Долгое объятие. Перистые облака заволокли небо, и в пронизанном светом будуаре сразу потемнело, стены поблекли, и от них повеяло холодом… А на диване между двумя окнами все еще сидели Лиза и Микеле, чуть наклонившись, чтобы можно было целоваться, не двигаясь. И если бы не вспухшие, вздрагивающие губы, скорее можно было бы подумать, что эти двое мирно беседуют, а не целуются.

Микеле опустил руки и широко раскрытыми глазами лениво оглядывал стену напротив. Лиза же, переплетя свои пальцы с пальцами Микеле, то и дело встряхивала головой, точно утоляющий жажду, который на миг отрывается от источника, а затем с удвоенной жадностью приникает к воде. Наконец оба откинулись на спинку дивана и молча посмотрели друг на друга.

«А теперь, что же будет теперь?» — думал Микеле, пытливо глядя на возбужденное лицо Лизы. Ее щеки раскраснелись, влажные губы приоткрылись в счастливой, умоляющей улыбке, а глаза смотрели на него чуть ли не с религиозным благоговением. Недоставало лишь сложенных в мольбе рук, взывающих к состраданию. Но тут она протянула к нему руку и, нежно погладив его по голове, дрожащим, фальшивым голосом прошептала: «Мой дорогой».
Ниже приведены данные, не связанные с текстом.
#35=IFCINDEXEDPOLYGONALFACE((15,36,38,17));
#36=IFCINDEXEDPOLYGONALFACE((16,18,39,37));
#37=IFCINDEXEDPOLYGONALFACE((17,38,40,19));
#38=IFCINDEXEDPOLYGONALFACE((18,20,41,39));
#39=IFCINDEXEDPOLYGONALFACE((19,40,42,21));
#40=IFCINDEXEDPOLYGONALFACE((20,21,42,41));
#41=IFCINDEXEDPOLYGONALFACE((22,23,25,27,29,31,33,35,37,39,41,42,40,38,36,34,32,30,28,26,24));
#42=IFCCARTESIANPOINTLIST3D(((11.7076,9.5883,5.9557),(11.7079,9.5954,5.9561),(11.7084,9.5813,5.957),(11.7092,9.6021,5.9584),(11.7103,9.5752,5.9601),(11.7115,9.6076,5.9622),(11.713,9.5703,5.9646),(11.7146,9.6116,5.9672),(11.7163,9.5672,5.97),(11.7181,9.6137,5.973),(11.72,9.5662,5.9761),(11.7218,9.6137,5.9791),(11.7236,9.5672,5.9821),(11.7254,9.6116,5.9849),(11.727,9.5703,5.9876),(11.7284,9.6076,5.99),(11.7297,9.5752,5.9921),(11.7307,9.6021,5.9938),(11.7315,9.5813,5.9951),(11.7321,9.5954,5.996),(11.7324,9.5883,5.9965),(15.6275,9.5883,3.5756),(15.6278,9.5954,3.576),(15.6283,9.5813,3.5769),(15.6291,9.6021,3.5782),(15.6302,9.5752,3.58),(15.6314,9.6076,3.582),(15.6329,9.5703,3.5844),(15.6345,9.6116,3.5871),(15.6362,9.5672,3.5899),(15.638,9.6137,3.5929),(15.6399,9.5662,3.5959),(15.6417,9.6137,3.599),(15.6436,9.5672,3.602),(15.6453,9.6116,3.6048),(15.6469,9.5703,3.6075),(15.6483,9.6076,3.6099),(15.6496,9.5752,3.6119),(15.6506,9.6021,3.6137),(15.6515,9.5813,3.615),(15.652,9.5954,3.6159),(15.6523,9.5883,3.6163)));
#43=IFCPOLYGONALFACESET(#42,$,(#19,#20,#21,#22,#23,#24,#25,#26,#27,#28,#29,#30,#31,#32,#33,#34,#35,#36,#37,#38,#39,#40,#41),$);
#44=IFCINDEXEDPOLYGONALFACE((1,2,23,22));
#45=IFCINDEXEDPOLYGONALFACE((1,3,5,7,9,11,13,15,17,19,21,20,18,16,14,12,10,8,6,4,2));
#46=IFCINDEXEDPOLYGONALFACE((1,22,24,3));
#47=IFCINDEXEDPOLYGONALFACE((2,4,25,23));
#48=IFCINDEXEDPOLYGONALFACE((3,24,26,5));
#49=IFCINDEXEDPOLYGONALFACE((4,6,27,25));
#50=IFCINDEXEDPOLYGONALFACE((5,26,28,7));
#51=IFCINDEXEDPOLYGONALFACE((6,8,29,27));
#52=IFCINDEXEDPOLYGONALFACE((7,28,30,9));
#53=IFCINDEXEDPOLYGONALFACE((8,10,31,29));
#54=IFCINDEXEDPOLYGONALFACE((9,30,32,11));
Он опустил глаза. Лиза, точно невзначай, все ближе подвигалась к нему, не переставая гладить его по голове. При этом задравшаяся юбка все больше обнажала толстое бедро с перекрученным чулком. Микеле досадовал и даже злился на себя, что не удержался и поцеловал ее. Его досада еще усилилась оттого, что ласки Лизы и ее нежные слова никак не вязались с этими ее незаметными, хитроумными, полными вопиющего бесстыдства маневрами. «За кого ты меня принимаешь?» — с отвращением подумал он. Пробудившееся было при поцелуе желание теперь пропало. Он отодвинулся и, глядя ей прямо в глаза, неловко поднялся.

— Нет, — сказал он, покачав головой. — Так ничего не выйдет.
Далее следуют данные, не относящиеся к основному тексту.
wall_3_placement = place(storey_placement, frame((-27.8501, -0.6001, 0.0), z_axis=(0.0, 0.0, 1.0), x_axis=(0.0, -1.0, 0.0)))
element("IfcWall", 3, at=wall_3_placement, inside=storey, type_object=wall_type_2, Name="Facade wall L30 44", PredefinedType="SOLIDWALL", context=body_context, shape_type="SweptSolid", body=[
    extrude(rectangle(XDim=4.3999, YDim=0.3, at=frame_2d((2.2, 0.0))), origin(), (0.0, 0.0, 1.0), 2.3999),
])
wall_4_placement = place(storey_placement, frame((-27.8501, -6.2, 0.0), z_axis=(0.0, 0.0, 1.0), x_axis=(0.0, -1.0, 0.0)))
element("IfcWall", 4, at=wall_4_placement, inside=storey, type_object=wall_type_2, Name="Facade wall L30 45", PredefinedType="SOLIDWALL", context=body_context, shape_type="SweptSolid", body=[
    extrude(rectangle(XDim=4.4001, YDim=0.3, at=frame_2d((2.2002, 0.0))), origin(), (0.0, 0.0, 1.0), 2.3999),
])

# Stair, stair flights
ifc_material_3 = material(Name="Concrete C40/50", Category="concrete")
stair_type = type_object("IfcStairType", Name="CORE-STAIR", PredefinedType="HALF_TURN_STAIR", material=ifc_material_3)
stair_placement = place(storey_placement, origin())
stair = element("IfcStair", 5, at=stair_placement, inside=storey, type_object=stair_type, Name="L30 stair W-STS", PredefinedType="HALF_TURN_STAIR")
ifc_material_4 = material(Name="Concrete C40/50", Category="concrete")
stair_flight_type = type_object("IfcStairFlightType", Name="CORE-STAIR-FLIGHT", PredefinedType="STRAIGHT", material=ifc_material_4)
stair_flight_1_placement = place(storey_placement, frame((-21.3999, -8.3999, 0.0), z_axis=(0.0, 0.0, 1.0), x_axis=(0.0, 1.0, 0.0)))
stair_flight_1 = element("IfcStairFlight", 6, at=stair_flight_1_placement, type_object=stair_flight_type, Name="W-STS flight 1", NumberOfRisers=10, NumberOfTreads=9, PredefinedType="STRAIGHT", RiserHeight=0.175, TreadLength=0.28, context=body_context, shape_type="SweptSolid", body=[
Пораженная его словами, Лиза с укором смотрела на него, даже не пытаясь скрыть своего возбуждения и одернуть юбку.

— Что — не выйдет? — спросила она наконец. Холодность Микеле оскорбляла ее пылкую страсть и готовность к самопожертвованию. «Глупый мальчишка, — обиженно думала она. — Все так хорошо началось… И вот… в самый последний момент он вдруг поднялся с дивана…» Микеле снова покачал головой и повторил: «Так ничего не выйдет…» Тогда она потянулась к нему и осторожно взяла его за руку.